New Frontiers in SCS: Expanding Therapeutic Applications
Brain-controlled Epidural Spinal Cord Stimulation Facilitates Descending Motor Control After Complete Spinal Cord Injury
Friday, January 23, 2026
4:30 PM - 4:40 PM PST
Location: Milano Ballroom V & VI
Introduction: Brain–computer interface (BCI)–guided epidural spinal cord stimulation (ESCS) builds upon the established role of ESCS in neurosurgery for chronic pain and the growing evidence for its ability to modulate spinal circuits and enhance motor recovery after stroke, spinal cord injury (SCI), and movement disorders. Integrating BCIs with ESCS offers the potential for brain-driven, targeted stimulation, yet few studies have explored this approach for upper-limb motor restoration.
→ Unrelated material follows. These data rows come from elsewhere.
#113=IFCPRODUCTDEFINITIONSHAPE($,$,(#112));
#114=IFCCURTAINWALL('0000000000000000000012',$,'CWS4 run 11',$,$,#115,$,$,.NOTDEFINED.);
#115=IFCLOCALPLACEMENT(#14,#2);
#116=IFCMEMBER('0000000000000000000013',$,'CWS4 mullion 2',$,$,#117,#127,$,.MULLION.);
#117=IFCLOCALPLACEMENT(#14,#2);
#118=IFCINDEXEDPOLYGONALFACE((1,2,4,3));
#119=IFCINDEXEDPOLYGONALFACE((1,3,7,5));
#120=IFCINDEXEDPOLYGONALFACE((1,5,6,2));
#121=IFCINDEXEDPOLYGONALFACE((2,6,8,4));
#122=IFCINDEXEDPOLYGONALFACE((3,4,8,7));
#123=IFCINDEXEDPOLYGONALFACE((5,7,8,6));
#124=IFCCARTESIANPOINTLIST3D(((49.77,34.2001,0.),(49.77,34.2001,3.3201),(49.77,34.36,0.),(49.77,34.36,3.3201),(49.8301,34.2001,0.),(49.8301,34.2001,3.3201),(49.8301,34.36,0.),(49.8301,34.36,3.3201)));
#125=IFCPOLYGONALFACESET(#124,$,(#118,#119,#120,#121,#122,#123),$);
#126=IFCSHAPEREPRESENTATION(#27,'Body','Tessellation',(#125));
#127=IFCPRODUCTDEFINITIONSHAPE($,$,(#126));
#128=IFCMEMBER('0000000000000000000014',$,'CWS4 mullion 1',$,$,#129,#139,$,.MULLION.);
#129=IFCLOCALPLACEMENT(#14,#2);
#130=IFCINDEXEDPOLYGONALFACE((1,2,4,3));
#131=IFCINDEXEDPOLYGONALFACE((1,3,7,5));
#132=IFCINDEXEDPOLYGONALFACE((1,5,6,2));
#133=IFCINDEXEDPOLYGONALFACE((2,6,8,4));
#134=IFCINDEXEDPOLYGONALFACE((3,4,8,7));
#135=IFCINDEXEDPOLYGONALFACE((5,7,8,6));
Methods: We report the case of an individual with chronic, motor-complete cervical SCI (AIS A, C4/5) who underwent implantation of an electrocorticography (ECoG)-based BCI to detect motor intent and control a unilateral ESCS device. Percutaneous leads were placed in the right epidural space caudal to the injury, targeting dorsal rootlets from C5–T1 to engage upper-limb sensorimotor circuits. The participant completed a 28-day BCI-ESCS intervention (19 sessions, ~40 min/session), progressing from simple to complex functional tasks, with real-time stimulation triggered upon detection of motor intent. Safety assessments included neurological status, independence, quality of life, and pain. Neurophysiological measures (motor-evoked potentials), three-dimensional kinematic analysis, and muscle synergy analysis were conducted pre- and post-intervention, with a one-month follow-up. Upper-limb motor function was evaluated with the Toronto Rehabilitation Institute Hand Function Test (TRI-HFT) and GRASSP quantitative prehension, and compared with a control cohort receiving conventional therapy.
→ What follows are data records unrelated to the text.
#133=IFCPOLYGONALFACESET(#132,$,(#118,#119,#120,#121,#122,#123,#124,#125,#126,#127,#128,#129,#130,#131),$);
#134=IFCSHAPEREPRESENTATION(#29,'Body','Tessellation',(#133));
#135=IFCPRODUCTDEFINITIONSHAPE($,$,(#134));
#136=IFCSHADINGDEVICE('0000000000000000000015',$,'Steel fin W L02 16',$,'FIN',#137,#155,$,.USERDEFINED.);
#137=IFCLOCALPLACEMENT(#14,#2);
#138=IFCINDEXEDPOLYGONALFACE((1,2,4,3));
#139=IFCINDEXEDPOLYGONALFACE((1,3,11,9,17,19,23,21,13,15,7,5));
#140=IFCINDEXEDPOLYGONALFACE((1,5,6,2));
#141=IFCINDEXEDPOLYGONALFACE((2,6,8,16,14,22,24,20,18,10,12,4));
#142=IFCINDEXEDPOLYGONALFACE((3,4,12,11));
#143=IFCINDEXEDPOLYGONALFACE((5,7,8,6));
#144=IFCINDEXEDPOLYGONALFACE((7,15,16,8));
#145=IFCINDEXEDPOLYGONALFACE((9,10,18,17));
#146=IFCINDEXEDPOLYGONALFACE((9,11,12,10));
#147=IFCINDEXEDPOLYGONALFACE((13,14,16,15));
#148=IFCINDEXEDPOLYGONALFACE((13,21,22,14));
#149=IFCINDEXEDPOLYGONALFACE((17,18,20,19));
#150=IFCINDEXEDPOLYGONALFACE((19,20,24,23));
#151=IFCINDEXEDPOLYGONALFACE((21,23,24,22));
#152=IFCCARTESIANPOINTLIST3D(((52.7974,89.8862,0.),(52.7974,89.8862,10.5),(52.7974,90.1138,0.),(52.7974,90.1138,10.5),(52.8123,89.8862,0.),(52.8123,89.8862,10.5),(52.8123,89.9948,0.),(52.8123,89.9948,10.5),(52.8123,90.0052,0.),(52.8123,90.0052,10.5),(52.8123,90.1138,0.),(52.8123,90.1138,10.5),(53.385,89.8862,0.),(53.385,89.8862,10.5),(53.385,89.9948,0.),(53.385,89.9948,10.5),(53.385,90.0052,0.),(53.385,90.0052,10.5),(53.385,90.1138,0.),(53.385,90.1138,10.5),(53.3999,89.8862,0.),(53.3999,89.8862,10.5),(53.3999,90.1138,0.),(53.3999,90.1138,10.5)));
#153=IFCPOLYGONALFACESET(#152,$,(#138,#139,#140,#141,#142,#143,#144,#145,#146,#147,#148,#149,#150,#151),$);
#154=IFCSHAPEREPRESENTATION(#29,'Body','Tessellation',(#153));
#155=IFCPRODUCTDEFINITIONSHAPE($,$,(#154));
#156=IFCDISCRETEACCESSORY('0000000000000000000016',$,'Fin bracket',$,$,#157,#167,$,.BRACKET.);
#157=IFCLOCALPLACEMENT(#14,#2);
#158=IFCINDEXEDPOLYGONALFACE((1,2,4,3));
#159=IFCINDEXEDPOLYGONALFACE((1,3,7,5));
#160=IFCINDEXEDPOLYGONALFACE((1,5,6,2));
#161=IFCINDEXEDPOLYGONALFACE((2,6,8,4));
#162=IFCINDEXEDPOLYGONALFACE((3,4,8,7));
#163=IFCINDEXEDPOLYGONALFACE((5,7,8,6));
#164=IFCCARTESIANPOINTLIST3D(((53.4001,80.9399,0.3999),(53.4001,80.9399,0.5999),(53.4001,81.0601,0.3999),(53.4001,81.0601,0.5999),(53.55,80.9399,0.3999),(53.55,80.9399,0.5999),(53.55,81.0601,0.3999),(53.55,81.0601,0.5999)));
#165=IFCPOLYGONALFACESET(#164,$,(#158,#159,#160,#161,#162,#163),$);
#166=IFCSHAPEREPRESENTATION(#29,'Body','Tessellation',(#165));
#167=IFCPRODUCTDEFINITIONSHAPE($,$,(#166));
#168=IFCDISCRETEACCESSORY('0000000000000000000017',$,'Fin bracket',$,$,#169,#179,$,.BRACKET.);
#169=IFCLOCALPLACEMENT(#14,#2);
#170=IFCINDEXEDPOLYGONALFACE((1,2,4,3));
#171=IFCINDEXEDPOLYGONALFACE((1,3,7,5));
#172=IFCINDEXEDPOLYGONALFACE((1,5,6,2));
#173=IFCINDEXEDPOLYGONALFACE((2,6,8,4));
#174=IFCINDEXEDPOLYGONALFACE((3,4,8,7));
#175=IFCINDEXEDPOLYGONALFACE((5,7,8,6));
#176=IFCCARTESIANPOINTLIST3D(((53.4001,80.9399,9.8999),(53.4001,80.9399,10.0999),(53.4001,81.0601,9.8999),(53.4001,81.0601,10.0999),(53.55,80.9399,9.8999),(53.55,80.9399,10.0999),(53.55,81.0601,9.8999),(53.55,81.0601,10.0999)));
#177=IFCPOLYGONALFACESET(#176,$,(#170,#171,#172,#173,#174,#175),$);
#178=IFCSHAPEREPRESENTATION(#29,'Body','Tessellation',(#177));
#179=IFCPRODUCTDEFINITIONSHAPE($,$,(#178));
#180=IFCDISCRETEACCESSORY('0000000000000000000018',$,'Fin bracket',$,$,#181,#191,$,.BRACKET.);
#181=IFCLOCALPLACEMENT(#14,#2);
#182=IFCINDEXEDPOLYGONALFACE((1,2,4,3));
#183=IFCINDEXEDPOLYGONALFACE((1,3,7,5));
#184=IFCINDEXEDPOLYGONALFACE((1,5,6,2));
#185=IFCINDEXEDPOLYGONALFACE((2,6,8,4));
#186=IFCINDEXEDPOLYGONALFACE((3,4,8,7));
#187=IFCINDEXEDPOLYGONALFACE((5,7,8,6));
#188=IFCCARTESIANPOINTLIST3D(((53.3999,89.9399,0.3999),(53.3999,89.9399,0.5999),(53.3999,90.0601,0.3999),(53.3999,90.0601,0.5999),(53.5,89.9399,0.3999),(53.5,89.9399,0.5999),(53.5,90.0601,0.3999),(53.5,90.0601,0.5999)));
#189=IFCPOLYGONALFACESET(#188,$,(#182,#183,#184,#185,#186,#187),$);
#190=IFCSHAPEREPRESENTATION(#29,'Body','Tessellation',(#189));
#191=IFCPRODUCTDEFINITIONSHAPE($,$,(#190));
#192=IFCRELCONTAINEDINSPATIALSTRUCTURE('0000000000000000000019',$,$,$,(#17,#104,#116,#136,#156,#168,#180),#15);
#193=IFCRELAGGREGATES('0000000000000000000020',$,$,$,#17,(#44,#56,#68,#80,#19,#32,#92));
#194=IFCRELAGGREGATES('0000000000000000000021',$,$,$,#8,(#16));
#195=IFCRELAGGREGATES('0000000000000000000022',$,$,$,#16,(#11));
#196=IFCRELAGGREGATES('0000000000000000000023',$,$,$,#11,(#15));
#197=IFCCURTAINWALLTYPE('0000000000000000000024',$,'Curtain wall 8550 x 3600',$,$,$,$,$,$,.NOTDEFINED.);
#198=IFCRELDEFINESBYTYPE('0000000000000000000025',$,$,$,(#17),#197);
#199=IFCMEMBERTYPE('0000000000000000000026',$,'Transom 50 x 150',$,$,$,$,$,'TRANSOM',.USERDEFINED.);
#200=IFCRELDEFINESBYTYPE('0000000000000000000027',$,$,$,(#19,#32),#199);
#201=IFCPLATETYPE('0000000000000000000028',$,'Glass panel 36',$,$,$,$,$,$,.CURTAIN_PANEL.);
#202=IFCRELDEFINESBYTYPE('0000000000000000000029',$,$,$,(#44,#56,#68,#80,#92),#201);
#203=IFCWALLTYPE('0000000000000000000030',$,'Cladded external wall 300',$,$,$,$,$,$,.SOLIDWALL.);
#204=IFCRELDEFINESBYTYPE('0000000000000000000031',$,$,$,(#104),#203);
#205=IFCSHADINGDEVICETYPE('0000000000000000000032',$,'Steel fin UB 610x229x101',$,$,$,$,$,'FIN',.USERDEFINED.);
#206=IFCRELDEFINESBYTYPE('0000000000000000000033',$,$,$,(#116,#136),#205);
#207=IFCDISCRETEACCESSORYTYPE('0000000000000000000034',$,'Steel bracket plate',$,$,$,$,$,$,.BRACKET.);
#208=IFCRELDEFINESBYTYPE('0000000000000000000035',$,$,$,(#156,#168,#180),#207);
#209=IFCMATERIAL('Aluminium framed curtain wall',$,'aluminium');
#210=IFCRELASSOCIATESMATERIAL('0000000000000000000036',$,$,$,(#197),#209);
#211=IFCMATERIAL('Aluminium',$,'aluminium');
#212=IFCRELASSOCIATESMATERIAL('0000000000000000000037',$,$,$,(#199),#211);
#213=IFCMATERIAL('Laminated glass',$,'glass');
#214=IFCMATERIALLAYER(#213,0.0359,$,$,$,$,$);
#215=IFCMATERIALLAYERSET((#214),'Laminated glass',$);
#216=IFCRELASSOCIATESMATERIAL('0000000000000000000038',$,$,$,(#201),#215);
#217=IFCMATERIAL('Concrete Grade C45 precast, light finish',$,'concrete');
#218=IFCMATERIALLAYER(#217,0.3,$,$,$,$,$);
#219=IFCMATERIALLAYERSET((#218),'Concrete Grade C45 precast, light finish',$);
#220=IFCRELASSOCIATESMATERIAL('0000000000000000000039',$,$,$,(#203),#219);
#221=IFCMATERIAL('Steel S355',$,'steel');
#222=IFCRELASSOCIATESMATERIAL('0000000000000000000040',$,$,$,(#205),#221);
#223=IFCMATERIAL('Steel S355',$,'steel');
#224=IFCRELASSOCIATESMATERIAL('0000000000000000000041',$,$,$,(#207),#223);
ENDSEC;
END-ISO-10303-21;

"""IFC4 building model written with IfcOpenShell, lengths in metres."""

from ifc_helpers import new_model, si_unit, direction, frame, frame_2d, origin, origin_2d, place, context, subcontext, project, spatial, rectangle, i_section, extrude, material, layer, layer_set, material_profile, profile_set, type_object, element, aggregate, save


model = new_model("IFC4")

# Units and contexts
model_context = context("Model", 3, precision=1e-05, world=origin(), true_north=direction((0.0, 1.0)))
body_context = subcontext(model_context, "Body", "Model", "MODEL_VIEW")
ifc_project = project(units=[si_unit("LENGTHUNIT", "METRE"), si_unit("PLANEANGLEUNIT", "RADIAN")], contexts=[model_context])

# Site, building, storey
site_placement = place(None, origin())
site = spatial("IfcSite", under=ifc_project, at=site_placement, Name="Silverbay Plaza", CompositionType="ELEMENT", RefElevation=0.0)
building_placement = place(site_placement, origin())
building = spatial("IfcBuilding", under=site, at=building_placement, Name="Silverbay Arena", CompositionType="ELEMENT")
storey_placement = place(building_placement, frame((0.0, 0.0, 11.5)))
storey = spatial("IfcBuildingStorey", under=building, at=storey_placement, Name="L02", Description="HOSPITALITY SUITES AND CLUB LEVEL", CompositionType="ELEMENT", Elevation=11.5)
Results: No adverse effects were observed. Following therapy, corticospinal excitability increased significantly in the extensor carpi radialis and flexor carpi radialis muscles. Kinematic analysis demonstrated smoother reaching movements and persistent changes in initial movement direction, suggesting motor exploration and adaptation. Muscle synergy analysis indicated increased neuromuscular coordination complexity post-therapy. These neurophysiological and biomechanical improvements returned to baseline at one-month follow-up. Functionally, the targeted right hand improved in the TRI-HFT 10-object subtest from 19 to 28 points post-therapy, with gains retained (30 points) at follow-up. The rectangular blocks task improved from 19 to 36 points, with sustained follow-up performance. GRASSP quantitative prehension improved by 4 points, exceeding the minimal detectable change after SCI. Functional gains exceeded those in the conventional therapy control cohort.
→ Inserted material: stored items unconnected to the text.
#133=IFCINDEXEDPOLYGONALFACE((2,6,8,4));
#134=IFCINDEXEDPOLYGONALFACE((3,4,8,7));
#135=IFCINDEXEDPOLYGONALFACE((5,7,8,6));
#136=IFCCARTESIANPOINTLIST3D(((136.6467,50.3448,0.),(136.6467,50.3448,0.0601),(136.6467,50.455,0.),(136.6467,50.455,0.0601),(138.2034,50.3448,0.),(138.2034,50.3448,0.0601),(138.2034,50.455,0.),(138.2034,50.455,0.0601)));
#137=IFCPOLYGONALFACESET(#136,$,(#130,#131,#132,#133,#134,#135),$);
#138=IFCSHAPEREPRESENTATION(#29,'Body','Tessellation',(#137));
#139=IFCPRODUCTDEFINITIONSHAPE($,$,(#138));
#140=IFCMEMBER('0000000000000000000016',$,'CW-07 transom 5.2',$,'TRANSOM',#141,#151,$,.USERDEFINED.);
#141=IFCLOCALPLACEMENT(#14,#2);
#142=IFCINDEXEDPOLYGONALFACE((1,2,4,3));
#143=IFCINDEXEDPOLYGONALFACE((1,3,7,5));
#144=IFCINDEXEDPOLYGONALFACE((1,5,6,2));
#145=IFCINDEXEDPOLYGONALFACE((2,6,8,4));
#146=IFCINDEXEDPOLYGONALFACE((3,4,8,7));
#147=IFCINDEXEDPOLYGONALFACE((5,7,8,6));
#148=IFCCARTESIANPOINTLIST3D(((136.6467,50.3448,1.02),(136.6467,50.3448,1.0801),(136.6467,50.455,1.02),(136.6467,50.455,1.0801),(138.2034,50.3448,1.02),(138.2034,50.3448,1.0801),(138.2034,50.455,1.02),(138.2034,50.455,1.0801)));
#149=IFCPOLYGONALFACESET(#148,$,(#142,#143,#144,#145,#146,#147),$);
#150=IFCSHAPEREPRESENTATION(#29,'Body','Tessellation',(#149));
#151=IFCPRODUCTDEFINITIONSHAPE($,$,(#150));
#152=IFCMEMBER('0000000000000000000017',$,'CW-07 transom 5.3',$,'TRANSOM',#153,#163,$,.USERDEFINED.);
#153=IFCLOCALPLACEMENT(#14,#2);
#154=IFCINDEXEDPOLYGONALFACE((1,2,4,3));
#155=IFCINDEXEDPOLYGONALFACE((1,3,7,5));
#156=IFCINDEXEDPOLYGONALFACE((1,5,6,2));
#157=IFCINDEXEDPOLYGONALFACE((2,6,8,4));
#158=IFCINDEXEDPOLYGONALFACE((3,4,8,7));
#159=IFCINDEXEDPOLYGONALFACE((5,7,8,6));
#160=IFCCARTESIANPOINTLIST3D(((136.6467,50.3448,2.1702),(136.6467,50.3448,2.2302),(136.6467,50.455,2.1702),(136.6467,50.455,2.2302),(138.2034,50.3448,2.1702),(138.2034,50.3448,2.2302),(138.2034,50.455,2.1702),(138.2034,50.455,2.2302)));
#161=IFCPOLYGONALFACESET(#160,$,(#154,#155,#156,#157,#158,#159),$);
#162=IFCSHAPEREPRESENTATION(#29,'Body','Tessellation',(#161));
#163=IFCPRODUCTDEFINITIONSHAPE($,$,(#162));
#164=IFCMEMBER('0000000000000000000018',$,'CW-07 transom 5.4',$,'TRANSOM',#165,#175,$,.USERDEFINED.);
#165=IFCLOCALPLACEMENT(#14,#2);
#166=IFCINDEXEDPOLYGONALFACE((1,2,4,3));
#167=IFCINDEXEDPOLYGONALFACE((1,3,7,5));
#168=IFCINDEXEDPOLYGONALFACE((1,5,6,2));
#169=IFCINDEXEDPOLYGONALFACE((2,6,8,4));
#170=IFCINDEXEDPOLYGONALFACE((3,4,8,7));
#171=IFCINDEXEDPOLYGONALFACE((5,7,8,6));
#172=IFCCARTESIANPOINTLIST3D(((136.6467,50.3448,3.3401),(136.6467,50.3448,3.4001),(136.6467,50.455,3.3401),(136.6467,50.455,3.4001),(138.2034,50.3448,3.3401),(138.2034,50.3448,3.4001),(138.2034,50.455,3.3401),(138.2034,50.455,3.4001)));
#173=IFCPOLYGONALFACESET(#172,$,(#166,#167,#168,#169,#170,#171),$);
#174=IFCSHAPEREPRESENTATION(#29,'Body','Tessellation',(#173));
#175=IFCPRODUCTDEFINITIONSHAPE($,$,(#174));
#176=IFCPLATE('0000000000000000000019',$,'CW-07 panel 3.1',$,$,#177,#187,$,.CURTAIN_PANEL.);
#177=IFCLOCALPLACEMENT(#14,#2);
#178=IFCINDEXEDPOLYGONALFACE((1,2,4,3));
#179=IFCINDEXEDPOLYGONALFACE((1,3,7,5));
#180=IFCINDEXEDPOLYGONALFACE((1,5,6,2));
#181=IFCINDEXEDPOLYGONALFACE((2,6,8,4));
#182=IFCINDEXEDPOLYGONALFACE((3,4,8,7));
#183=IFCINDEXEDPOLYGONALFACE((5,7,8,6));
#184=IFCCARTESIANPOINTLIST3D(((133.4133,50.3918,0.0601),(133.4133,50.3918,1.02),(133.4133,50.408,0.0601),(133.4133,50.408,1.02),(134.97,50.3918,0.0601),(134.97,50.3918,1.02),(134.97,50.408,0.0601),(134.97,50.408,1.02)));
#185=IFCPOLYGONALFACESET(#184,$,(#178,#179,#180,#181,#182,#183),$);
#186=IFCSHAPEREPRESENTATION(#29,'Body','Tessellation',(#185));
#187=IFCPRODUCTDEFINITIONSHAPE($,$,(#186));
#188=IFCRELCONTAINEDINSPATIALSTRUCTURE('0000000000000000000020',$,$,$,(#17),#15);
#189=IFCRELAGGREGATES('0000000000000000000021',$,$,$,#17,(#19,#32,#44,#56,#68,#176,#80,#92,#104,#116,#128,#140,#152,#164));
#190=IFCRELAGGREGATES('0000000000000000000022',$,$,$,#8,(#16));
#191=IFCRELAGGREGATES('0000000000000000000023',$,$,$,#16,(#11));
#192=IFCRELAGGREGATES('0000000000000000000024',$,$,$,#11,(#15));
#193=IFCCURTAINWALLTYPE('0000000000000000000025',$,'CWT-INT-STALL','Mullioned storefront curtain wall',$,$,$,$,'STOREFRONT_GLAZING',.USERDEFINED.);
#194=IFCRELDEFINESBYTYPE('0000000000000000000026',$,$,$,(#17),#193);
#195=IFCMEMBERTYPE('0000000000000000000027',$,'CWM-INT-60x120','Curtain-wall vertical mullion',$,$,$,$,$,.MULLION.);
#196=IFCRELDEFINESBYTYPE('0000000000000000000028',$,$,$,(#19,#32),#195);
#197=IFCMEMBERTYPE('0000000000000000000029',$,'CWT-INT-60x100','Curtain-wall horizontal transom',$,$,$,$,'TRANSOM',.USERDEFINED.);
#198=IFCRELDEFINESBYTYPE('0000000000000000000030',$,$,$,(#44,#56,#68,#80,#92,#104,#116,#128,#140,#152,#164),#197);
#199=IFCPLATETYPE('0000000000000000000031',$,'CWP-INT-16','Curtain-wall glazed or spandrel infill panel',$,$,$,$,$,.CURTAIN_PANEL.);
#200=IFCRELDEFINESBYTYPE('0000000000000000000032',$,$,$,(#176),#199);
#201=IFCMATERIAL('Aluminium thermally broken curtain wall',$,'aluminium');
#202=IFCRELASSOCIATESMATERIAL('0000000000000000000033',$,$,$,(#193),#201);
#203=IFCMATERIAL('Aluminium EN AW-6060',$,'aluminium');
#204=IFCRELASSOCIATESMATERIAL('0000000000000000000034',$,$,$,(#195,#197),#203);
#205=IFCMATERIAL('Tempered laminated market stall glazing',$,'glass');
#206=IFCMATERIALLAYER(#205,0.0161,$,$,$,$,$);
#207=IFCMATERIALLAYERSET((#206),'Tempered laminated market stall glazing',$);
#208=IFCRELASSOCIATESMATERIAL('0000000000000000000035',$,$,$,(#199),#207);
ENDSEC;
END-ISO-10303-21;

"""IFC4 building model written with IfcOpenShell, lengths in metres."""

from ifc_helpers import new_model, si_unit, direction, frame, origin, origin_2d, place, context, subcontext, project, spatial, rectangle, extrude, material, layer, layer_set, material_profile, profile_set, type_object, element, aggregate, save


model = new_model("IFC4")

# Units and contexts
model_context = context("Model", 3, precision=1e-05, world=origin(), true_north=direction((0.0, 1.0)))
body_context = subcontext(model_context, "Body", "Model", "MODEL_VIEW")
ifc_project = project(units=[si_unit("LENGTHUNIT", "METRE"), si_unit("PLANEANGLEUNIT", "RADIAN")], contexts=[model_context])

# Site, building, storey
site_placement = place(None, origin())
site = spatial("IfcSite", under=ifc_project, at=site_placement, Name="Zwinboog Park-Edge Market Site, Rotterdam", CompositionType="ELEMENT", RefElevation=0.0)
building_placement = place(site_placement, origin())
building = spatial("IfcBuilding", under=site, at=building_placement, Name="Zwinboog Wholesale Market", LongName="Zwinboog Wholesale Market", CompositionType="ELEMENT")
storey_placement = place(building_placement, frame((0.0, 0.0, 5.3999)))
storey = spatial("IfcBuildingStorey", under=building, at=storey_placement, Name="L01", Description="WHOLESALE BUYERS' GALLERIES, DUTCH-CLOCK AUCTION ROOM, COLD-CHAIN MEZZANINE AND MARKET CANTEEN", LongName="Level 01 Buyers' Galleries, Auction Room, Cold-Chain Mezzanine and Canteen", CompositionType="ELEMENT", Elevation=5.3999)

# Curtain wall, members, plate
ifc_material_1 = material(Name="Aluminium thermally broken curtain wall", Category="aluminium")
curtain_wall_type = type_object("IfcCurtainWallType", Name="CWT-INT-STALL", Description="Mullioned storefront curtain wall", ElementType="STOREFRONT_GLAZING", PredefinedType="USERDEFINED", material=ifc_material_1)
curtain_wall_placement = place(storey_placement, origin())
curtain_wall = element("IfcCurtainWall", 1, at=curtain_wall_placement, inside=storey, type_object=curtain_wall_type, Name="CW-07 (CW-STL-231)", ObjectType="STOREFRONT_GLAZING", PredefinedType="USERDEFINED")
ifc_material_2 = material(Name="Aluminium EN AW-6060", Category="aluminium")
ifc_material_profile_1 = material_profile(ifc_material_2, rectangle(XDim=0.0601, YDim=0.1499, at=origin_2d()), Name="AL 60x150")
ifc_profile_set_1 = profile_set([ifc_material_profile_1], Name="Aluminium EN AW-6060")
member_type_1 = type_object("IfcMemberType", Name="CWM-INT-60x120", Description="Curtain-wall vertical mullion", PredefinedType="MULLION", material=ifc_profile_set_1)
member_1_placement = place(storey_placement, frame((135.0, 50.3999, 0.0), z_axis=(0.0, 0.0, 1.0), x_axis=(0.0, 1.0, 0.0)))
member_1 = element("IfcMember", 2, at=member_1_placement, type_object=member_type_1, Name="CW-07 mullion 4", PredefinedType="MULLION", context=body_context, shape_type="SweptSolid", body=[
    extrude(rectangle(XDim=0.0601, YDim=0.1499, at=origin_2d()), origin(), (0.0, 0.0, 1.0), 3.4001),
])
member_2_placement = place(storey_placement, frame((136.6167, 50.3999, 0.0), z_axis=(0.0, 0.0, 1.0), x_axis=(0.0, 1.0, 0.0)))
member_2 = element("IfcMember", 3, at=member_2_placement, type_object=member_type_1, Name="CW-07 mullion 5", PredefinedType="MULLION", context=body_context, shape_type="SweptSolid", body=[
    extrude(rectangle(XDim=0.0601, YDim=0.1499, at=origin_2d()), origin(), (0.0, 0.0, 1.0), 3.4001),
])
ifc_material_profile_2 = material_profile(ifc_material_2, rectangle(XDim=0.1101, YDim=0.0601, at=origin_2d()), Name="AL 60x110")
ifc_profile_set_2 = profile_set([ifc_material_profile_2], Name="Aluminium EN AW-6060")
Conclusion: This first-in-human case demonstrates that BCI-triggered ESCS can transiently enhance corticospinal excitability, improve neuromuscular coordination, and yield sustained upper-limb functional gains in an individual with motor-complete SCI at recovery plateau. These results support the safety and potential efficacy of BCI-ESCS and warrant further investigation in larger clinical cohorts.